Tierney Auto Body works is still in the same location but the sign has to be at least 40 years old:  The lower part of the sign (not visible in the photo) gives the telephone number—without an area code. Until 1984, all five boroughs of New York City were covered by the 212 Area Code.  But as fax machines and, later, cell phones become more common, the 212 area code was running out of phone numbers and new area codes were added. It then became necessary to dial an area code when calling within New York City.

While riding the other day, I discovered another “ghost” sign that dates from around the same time, or earlier:





Prospect Hospital, its name barely visible at the top of the sign, closed in 1985. That sign, like the one for Tierney, gives a phone number without an area code.

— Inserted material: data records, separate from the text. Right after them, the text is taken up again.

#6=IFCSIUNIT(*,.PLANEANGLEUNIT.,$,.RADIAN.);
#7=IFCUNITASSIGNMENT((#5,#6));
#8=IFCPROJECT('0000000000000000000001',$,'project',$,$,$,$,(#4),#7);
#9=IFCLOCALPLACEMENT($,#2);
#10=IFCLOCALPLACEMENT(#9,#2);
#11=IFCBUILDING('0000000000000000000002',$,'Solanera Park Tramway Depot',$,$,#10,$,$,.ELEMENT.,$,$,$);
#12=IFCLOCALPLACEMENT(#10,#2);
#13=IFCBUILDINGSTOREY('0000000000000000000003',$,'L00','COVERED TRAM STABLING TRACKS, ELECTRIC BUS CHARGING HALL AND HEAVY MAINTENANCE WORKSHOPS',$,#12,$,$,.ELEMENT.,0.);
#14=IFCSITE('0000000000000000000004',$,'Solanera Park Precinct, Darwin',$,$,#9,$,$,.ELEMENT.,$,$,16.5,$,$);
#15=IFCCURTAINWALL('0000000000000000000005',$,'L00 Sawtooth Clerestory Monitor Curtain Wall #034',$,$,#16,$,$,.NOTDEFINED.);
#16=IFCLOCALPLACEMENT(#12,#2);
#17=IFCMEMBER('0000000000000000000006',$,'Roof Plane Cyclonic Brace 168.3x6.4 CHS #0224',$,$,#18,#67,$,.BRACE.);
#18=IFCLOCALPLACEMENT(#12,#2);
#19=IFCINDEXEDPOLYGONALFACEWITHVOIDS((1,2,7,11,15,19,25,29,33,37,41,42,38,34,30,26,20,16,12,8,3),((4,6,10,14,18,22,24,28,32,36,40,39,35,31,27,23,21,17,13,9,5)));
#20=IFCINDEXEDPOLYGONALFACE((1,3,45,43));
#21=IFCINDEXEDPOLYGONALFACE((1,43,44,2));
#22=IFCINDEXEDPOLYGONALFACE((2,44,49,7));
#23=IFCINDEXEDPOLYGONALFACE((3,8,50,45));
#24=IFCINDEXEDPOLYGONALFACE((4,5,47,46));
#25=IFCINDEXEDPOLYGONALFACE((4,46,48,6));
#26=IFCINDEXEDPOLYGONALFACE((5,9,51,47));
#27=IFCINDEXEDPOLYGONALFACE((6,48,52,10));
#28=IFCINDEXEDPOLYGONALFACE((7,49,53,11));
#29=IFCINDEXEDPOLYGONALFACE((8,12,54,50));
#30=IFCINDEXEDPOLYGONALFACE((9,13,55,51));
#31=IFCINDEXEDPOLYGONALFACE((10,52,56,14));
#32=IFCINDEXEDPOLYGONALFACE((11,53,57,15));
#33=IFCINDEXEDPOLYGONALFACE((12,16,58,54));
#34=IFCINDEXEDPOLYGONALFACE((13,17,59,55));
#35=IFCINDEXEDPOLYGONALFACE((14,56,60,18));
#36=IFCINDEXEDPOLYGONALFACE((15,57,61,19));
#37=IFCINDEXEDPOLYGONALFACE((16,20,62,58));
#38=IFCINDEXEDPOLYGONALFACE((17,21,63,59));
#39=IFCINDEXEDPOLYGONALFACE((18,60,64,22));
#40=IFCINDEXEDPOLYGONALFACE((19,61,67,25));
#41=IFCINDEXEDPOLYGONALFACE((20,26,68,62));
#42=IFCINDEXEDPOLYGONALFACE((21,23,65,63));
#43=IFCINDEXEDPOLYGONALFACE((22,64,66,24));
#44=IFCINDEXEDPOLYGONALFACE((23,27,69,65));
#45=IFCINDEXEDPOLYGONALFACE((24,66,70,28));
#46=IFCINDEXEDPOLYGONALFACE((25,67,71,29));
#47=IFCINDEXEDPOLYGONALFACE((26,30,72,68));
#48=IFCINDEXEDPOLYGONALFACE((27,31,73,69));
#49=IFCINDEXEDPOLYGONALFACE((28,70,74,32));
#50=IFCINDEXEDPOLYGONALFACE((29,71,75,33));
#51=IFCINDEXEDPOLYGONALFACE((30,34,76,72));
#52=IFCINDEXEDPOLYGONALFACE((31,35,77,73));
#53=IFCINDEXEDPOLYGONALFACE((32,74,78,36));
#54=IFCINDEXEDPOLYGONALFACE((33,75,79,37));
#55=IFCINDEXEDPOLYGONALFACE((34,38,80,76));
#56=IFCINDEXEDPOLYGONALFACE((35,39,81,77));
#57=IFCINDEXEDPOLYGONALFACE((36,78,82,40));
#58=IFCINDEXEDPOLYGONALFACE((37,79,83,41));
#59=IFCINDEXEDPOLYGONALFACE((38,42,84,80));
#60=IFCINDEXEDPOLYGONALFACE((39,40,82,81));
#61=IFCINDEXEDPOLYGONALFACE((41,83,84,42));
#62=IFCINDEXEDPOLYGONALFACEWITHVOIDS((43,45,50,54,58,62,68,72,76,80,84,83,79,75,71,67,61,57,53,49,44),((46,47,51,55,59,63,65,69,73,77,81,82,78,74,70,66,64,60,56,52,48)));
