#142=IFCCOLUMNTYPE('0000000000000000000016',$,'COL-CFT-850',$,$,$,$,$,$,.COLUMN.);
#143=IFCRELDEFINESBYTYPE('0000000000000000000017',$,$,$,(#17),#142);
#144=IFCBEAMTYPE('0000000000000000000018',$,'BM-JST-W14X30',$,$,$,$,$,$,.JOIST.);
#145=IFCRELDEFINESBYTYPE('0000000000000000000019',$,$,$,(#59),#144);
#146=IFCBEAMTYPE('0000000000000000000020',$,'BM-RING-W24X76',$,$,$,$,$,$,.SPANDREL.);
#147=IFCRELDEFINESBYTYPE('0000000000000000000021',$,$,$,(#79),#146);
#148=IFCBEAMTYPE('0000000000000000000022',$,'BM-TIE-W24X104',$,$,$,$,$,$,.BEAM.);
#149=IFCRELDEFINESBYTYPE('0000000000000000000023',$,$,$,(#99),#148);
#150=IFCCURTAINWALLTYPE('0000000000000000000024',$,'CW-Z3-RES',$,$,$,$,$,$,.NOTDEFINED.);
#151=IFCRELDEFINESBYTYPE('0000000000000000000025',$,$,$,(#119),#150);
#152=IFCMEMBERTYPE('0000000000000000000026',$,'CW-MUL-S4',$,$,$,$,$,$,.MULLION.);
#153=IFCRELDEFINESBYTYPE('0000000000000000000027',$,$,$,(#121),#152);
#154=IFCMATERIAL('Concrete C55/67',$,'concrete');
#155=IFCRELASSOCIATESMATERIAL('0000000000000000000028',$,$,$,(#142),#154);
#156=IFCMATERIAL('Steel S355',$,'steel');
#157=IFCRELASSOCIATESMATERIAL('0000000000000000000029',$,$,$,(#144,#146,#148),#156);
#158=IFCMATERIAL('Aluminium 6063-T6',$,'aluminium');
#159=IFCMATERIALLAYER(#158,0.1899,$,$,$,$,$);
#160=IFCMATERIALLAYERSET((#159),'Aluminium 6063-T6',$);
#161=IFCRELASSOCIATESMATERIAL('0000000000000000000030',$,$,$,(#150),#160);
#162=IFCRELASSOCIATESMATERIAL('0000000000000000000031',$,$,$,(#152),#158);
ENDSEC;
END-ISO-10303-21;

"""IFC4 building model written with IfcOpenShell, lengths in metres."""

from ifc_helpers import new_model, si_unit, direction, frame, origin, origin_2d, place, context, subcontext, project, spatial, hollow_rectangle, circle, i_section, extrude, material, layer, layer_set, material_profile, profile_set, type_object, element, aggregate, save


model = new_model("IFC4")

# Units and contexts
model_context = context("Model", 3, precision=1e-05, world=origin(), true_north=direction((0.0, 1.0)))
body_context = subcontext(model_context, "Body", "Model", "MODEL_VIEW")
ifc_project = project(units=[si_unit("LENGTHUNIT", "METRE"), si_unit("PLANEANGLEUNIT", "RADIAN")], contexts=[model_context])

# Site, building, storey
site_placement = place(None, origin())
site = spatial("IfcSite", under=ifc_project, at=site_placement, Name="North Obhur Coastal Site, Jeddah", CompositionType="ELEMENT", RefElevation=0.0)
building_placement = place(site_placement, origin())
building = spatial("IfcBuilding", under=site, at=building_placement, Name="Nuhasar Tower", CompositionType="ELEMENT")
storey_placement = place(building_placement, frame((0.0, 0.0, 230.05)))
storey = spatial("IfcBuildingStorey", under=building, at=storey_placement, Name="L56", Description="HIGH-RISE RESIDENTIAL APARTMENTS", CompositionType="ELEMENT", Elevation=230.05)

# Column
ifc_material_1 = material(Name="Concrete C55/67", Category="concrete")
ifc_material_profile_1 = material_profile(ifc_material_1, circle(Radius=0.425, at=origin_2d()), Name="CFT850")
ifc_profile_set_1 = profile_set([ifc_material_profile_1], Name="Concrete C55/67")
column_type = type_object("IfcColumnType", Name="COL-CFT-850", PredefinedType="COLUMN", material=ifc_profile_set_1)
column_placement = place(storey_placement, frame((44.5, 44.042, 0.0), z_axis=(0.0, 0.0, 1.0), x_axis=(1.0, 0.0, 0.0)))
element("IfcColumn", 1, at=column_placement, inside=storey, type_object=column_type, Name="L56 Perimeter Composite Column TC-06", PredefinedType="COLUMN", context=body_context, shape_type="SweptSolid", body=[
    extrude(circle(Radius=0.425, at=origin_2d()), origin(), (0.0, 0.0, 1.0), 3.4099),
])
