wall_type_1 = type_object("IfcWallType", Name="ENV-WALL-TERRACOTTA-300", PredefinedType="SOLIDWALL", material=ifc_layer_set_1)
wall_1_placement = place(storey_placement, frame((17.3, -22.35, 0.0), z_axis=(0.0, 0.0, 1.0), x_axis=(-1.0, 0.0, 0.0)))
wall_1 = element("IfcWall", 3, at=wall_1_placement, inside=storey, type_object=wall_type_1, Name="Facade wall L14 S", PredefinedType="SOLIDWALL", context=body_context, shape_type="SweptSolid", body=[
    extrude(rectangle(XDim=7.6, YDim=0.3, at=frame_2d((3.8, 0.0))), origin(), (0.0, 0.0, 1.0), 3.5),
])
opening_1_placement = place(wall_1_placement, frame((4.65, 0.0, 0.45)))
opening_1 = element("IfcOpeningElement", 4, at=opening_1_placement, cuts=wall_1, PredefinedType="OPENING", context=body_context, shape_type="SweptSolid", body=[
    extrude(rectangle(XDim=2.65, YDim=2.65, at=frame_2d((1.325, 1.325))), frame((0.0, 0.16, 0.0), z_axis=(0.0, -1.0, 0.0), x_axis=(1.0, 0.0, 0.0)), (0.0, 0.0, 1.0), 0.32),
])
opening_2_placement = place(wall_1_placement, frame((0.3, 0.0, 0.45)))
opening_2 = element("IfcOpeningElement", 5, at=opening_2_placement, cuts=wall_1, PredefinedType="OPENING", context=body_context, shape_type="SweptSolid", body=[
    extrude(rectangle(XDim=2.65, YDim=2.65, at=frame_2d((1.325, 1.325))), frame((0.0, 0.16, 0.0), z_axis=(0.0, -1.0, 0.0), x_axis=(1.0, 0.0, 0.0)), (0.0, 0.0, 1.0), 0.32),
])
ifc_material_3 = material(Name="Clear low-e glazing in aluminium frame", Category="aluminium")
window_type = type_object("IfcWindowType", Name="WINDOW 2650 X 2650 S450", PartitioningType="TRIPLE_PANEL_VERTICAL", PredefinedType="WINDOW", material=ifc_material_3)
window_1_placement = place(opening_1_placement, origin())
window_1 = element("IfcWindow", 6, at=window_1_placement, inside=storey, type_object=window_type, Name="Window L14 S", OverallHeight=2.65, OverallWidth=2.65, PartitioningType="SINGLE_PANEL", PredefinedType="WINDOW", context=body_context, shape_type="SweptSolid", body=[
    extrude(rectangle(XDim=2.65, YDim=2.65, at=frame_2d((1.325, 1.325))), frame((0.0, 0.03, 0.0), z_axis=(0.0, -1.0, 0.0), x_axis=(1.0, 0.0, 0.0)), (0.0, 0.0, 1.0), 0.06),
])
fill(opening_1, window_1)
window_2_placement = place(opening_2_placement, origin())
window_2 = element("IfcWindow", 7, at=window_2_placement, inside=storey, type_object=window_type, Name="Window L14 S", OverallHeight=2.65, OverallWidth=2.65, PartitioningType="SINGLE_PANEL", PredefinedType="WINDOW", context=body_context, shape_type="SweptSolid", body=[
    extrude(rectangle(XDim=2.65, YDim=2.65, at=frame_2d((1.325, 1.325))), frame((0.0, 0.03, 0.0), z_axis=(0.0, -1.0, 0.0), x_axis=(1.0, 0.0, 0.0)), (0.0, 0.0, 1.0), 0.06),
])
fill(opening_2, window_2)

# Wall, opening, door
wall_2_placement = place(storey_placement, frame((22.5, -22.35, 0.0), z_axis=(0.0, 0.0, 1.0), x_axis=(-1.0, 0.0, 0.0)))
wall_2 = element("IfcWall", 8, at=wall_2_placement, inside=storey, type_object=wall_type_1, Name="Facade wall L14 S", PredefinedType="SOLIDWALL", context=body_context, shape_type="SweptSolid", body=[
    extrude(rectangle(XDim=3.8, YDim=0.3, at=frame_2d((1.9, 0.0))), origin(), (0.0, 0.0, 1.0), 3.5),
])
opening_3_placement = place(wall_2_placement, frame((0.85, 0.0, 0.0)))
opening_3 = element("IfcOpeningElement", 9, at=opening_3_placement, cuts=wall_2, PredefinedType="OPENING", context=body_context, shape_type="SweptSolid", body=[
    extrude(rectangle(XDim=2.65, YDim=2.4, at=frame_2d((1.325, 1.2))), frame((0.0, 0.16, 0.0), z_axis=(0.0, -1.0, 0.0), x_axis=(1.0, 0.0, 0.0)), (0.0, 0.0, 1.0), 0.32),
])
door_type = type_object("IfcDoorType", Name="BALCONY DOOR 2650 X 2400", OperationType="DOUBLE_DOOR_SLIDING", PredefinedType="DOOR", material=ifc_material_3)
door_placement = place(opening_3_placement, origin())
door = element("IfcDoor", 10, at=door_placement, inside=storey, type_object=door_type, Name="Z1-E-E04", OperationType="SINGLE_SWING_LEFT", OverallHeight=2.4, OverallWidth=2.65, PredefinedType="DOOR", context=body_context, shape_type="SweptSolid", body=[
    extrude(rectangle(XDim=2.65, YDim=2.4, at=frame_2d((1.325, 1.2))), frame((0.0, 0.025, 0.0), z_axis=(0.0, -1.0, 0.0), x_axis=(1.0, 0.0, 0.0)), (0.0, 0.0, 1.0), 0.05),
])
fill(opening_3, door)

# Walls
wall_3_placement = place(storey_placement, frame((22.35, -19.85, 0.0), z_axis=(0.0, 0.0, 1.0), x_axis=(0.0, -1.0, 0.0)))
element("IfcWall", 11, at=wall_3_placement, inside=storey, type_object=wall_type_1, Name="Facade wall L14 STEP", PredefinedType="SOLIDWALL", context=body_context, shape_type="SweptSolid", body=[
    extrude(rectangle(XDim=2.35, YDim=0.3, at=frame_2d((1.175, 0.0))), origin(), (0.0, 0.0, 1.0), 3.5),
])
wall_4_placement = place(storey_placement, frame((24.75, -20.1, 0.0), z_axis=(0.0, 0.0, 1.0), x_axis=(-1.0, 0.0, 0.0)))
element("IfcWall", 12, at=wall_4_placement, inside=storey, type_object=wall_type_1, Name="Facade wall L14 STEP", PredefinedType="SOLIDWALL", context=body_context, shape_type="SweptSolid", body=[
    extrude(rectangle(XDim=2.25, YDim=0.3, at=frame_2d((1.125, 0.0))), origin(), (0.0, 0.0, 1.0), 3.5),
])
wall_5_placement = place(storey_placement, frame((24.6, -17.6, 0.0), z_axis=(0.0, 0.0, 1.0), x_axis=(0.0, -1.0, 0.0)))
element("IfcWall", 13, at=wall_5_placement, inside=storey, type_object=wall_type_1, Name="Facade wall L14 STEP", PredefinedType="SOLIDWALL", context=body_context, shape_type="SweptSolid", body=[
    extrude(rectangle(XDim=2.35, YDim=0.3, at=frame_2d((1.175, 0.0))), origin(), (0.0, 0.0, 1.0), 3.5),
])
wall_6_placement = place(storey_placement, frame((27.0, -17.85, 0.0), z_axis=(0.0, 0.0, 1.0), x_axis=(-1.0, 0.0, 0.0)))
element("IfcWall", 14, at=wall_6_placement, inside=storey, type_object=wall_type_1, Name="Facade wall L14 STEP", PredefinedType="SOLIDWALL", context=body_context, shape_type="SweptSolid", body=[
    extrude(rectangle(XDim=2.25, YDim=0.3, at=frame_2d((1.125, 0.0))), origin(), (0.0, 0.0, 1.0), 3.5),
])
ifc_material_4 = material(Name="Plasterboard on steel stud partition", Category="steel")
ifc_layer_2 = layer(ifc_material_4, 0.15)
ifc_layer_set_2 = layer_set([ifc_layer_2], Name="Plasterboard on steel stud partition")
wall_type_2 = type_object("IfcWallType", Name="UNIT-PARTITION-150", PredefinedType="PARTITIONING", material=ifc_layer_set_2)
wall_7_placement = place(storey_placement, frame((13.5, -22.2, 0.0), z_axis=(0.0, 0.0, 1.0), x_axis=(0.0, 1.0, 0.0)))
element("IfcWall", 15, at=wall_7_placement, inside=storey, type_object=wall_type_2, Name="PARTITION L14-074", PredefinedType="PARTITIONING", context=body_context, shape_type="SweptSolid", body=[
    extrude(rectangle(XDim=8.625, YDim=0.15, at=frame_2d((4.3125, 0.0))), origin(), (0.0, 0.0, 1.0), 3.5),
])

Another thing I found interesting is the sign’s proclamation that “alcoholism is a treatable disease.” Although researchers and doctors had been saying as much since the 1930s (when, incidentally, Alcoholics Anonymous was founded) that idea started to displace, in public perception, the old notion that alcoholism is a moral failing during the 1960s.

Speaking of the 1960s:  By that time, artists and intellectuals who were associated with the later part of the Harlem Renaissance had moved to East Elmhurst and Jamaica in Queens or (as in the case of John Coltrane) to Long Island. But during the Renaissance, theaters for movies, plays, vaudeville and other kinds of shows and exhibits flourished in Harlem. The “ghost” of one “shadows” a building that now serves as a church on 145th Street:





So, if nothing else, my bike trips show that you don’t have to be Demi Moore, Patrick Swayze or Whoopi Goldberg to see “ghosts” during your ride!